The performance of certain of the operations may be distributed among the one or more processors, not only residing within a single machine, but deployed across a number of machines. In some example embodiments, the one or more processors or processor-implemented modules may be located in a single geographic location (e.g., within a home environment, an office environment, or a server farm). In other example embodiments, the one or more processors or processor-implemented modules may be distributed across a number of geographic locations.
Some portions of this specification are presented in terms of algorithms or symbolic representations of operations on data stored as bits or binary digital signals within a machine memory (e.g., a computer memory). These algorithms or symbolic representations are examples of techniques used by those of ordinary skill in the data processing arts to convey the substance of their work to others skilled in the art. As used herein, an “algorithm” is a self-consistent sequence of operations or similar processing leading to a desired result. In this context, algorithms and operations involve physical manipulation of physical quantities. Typically, but not necessarily, such quantities may take the form of electrical, magnetic, or optical signals capable of being stored, accessed, transferred, combined, compared, or otherwise manipulated by a machine.
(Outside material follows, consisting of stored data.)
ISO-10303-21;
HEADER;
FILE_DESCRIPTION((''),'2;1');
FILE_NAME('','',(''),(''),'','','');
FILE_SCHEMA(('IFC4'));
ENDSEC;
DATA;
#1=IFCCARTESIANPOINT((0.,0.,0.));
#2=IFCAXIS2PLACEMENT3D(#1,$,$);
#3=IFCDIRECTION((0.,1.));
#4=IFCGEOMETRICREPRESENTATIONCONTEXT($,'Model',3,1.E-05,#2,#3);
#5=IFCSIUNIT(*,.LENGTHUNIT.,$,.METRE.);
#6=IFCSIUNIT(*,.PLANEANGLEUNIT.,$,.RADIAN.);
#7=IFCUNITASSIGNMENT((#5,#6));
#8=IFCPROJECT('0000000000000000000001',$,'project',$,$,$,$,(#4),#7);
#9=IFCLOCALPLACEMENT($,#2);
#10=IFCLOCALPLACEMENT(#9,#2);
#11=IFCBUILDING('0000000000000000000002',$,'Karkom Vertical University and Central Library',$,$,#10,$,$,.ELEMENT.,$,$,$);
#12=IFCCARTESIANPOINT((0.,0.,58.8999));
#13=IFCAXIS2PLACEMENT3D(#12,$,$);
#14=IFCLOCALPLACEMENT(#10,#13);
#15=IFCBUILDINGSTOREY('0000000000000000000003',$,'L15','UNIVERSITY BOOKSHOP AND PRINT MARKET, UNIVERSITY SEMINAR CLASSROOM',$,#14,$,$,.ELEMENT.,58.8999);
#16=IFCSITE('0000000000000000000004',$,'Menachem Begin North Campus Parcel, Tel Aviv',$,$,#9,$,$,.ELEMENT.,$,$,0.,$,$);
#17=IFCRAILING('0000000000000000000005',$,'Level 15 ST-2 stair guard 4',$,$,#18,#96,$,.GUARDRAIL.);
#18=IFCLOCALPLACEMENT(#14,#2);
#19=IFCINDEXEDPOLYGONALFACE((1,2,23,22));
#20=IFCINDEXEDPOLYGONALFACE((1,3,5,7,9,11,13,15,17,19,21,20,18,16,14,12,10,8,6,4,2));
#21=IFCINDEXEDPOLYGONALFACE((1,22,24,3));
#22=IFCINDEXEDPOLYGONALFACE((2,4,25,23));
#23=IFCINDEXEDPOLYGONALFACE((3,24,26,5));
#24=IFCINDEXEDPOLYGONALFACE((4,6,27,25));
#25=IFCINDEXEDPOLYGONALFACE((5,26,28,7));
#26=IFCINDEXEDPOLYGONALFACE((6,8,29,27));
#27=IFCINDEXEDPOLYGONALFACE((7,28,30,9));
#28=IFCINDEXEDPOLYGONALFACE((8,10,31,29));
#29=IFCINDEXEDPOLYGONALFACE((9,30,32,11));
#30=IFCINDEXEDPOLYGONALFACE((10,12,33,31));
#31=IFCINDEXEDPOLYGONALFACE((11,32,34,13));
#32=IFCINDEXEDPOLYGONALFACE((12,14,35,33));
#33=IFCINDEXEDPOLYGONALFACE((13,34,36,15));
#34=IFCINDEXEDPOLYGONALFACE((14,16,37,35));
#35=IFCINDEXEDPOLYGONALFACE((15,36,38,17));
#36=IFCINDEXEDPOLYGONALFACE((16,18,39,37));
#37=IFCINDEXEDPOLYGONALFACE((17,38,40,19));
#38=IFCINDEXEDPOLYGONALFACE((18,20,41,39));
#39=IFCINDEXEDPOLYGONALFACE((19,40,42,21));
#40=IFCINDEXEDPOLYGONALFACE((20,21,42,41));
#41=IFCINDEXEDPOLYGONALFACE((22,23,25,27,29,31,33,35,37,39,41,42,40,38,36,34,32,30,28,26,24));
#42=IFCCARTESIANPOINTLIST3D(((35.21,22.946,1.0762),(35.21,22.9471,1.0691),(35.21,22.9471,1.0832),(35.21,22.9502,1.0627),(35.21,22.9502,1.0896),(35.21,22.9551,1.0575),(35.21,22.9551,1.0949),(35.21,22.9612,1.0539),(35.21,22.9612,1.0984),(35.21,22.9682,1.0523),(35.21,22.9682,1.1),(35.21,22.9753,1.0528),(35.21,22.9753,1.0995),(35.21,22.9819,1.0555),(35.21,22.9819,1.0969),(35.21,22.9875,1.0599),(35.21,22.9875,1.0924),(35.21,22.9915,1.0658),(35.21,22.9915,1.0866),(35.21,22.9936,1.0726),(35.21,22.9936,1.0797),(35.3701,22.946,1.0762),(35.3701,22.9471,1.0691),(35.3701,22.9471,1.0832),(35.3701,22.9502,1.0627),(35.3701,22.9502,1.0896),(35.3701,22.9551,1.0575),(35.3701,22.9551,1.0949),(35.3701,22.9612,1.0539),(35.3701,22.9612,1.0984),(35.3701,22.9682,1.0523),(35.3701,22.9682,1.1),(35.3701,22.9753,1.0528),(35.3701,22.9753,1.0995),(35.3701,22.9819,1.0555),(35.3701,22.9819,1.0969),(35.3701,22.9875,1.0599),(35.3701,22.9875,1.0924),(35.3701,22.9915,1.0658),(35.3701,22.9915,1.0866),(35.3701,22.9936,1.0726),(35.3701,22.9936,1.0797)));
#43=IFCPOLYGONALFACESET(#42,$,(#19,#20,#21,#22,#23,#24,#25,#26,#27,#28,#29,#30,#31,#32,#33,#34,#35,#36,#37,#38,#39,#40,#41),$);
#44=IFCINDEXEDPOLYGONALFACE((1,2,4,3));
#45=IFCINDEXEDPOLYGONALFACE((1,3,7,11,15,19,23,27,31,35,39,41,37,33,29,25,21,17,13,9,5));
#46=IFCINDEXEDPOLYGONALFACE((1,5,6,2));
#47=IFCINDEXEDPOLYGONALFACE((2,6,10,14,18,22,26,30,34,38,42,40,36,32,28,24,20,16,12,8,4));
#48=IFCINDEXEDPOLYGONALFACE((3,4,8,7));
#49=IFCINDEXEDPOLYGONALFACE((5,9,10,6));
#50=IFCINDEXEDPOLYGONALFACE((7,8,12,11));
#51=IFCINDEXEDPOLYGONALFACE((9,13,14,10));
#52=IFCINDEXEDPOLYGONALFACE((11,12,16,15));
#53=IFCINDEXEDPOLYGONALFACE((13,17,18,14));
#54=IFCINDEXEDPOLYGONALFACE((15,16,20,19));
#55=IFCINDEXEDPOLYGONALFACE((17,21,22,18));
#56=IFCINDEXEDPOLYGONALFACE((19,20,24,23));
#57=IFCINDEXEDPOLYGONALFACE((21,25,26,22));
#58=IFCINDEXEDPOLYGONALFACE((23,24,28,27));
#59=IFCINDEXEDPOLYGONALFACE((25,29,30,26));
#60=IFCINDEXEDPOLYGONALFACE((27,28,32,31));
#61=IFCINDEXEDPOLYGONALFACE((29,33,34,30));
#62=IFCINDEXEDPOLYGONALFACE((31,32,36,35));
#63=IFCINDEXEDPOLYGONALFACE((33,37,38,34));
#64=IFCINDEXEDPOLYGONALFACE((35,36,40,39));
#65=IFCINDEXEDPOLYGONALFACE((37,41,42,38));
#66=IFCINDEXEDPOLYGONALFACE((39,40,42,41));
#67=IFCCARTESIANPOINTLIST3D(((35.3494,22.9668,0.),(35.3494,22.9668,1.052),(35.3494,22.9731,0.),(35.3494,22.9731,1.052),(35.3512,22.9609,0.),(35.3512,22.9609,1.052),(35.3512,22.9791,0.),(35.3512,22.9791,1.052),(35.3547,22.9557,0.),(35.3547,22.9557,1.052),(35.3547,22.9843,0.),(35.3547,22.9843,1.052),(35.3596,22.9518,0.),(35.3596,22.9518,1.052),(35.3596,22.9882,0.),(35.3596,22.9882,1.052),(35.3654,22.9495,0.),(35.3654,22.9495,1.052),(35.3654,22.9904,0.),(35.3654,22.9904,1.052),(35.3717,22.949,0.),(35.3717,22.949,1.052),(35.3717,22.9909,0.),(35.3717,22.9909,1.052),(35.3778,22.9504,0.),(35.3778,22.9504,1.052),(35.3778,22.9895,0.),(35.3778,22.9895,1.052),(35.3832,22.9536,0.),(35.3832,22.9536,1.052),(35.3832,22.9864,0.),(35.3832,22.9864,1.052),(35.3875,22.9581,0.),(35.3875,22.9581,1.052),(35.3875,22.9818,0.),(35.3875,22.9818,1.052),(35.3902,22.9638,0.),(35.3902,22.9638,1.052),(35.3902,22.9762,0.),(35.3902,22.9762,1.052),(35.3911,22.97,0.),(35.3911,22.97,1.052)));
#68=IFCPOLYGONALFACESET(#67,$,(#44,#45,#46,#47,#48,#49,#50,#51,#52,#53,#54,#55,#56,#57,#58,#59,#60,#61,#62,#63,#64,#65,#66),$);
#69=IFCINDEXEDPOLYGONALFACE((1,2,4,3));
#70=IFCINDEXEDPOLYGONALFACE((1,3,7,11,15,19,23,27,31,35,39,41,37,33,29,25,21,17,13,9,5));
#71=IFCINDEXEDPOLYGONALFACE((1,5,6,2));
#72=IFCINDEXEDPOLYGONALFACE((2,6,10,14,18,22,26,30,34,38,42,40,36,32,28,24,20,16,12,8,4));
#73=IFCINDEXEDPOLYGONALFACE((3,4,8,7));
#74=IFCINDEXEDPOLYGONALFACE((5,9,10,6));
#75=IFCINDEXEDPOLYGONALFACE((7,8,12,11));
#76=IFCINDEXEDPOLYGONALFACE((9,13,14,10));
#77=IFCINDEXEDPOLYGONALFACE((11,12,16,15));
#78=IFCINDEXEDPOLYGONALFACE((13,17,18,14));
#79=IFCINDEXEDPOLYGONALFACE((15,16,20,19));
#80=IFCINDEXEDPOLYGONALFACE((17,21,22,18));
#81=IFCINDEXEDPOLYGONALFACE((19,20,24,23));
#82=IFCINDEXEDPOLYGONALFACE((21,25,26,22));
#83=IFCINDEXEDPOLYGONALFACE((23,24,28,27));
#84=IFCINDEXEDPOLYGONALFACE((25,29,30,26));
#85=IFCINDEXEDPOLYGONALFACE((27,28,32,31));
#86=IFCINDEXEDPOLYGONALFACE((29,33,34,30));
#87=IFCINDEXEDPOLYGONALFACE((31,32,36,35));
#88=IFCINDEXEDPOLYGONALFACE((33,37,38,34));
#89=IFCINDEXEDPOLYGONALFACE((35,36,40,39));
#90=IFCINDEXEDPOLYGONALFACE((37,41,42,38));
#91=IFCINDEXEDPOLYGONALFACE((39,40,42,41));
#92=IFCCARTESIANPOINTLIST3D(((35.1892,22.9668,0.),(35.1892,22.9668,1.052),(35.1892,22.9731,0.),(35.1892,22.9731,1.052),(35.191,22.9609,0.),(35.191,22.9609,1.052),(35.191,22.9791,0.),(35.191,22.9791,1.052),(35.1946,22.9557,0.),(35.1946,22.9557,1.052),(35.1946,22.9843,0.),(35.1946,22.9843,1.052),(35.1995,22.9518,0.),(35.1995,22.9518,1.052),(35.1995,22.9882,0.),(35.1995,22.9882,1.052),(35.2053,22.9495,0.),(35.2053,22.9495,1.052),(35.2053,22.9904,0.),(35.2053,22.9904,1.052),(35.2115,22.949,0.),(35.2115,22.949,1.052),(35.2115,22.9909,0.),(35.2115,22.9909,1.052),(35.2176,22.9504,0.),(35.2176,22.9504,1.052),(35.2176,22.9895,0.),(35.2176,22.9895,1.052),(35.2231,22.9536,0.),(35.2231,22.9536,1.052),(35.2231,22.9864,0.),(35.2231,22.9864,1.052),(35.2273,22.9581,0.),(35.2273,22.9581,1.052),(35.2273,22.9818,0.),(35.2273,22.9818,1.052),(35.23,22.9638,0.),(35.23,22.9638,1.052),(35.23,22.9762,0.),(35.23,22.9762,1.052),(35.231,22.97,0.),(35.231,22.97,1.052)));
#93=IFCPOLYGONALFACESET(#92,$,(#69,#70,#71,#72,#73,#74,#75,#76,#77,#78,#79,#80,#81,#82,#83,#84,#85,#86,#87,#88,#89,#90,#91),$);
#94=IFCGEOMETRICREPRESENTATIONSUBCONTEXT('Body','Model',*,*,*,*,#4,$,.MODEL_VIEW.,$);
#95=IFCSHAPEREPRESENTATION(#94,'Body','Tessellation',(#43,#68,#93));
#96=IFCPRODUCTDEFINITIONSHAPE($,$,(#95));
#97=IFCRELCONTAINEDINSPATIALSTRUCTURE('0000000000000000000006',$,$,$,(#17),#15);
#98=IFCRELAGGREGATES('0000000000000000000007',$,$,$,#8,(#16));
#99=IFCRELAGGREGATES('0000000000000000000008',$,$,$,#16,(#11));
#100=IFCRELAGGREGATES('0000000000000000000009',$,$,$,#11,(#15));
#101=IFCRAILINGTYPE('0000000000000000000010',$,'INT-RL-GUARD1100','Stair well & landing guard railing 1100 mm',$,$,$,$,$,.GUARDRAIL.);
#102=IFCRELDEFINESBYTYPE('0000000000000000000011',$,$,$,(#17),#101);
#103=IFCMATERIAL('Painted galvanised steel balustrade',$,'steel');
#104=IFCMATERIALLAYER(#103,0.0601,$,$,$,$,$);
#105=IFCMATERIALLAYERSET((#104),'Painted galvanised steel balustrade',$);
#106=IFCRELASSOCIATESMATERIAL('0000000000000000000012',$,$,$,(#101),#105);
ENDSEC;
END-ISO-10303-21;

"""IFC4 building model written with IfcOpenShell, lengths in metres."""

from ifc_helpers import new_model, si_unit, direction, frame, origin, origin_2d, place, context, subcontext, project, spatial, circle, extrude, material, layer, layer_set, type_object, element, save


model = new_model("IFC4")

# Units and contexts
model_context = context("Model", 3, precision=1e-05, world=origin(), true_north=direction((0.0, 1.0)))
body_context = subcontext(model_context, "Body", "Model", "MODEL_VIEW")
ifc_project = project(units=[si_unit("LENGTHUNIT", "METRE"), si_unit("PLANEANGLEUNIT", "RADIAN")], contexts=[model_context])

# Site, building, storey
site_placement = place(None, origin())
site = spatial("IfcSite", under=ifc_project, at=site_placement, Name="Menachem Begin North Campus Parcel, Tel Aviv", CompositionType="ELEMENT", RefElevation=0.0)
building_placement = place(site_placement, origin())
building = spatial("IfcBuilding", under=site, at=building_placement, Name="Karkom Vertical University and Central Library", CompositionType="ELEMENT")
storey_placement = place(building_placement, frame((0.0, 0.0, 58.8999)))
storey = spatial("IfcBuildingStorey", under=building, at=storey_placement, Name="L15", Description="UNIVERSITY BOOKSHOP AND PRINT MARKET, UNIVERSITY SEMINAR CLASSROOM", CompositionType="ELEMENT", Elevation=58.8999)

# Railing
ifc_material_1 = material(Name="Painted galvanised steel balustrade", Category="steel")
ifc_layer_1 = layer(ifc_material_1, 0.0601)
ifc_layer_set_1 = layer_set([ifc_layer_1], Name="Painted galvanised steel balustrade")
railing_type_1 = type_object("IfcRailingType", Name="INT-RL-GUARD1100", Description="Stair well & landing guard railing 1100 mm", PredefinedType="GUARDRAIL", material=ifc_layer_set_1)
railing_1_placement = place(storey_placement, frame((35.3701, 22.97, 0.0)))
element("IfcRailing", 1, at=railing_1_placement, inside=storey, type_object=railing_type_1, Name="Level 15 ST-2 stair guard 4", PredefinedType="GUARDRAIL", context=body_context, shape_type="SweptSolid", body=[
    extrude(circle(Radius=0.0239, at=origin_2d()), frame((0.0, 0.0, 1.0762), z_axis=(-1.0, 0.0, 0.0), x_axis=(0.0, -1.0, 0.0)), (0.0, 0.0, 1.0), 0.1602),
    extrude(circle(Radius=0.021, at=origin_2d()), origin(), (0.0, 0.0, 1.0), 1.052),
    extrude(circle(Radius=0.021, at=origin_2d()), frame((-0.1602, 0.0, 0.0)), (0.0, 0.0, 1.0), 1.052),
])

save(model, "model.ifc")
It is convenient at times, principally for reasons of common usage, to refer to such signals using words such as “data,” “content,” “bits,” “values,” “elements,” “symbols,” “characters,” “terms,” “numbers,” “numerals,” or the like. These words, however, are merely convenient labels and are to be associated with appropriate physical quantities.
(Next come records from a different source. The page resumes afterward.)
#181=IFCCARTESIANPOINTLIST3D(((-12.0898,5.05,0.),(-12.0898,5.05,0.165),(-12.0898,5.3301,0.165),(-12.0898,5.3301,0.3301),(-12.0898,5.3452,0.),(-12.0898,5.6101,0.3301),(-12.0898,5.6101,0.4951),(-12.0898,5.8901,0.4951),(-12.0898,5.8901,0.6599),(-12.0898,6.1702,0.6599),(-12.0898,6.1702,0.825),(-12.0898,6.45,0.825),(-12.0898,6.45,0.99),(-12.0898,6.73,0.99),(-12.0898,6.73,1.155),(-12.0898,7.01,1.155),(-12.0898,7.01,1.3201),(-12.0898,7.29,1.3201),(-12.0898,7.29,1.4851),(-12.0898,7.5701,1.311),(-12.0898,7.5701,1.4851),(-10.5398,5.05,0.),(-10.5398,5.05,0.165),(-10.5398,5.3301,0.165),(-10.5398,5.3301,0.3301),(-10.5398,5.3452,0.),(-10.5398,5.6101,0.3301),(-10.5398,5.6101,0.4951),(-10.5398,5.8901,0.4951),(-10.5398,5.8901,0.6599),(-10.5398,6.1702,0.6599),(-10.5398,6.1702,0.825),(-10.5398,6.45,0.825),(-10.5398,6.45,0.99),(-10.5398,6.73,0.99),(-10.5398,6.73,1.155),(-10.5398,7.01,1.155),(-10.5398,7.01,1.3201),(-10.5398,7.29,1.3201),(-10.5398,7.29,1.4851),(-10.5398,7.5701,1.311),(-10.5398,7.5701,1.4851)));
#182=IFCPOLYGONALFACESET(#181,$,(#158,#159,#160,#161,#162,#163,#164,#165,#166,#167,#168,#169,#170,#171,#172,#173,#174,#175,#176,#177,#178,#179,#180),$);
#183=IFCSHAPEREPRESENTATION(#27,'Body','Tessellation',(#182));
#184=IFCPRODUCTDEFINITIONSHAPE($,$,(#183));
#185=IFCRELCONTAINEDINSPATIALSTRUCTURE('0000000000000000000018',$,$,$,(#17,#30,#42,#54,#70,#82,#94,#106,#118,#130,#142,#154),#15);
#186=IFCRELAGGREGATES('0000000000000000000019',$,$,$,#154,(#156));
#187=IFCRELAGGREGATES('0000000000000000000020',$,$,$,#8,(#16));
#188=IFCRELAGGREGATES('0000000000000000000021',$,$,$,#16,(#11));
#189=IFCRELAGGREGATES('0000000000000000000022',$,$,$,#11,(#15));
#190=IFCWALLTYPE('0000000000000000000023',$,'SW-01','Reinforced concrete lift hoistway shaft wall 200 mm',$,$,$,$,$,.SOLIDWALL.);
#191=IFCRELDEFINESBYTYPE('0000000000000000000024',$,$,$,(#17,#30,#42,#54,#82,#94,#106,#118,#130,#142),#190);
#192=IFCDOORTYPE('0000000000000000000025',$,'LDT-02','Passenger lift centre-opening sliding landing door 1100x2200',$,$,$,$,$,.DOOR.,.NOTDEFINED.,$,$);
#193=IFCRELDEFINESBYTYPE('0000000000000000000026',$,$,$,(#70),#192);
Unless specifically stated otherwise, discussions herein using words such as “processing,” “computing,” “calculating,” “determining,” “presenting,” “displaying,” or the like may refer to actions or processes of a machine (e.g., a computer) that manipulates or transforms data represented as physical (e.g., electronic, magnetic, or optical) quantities within one or more memories (e.g., volatile memory, non-volatile memory, or any suitable combination thereof), registers, or other machine components that receive, store, transmit, or display information. Furthermore, unless specifically stated otherwise, the terms “a” or “an” are herein used, as is common in patent documents, to include one or more than one instance. Finally, as used herein, the conjunction “or” refers to a non-exclusive “or,” unless specifically stated otherwise.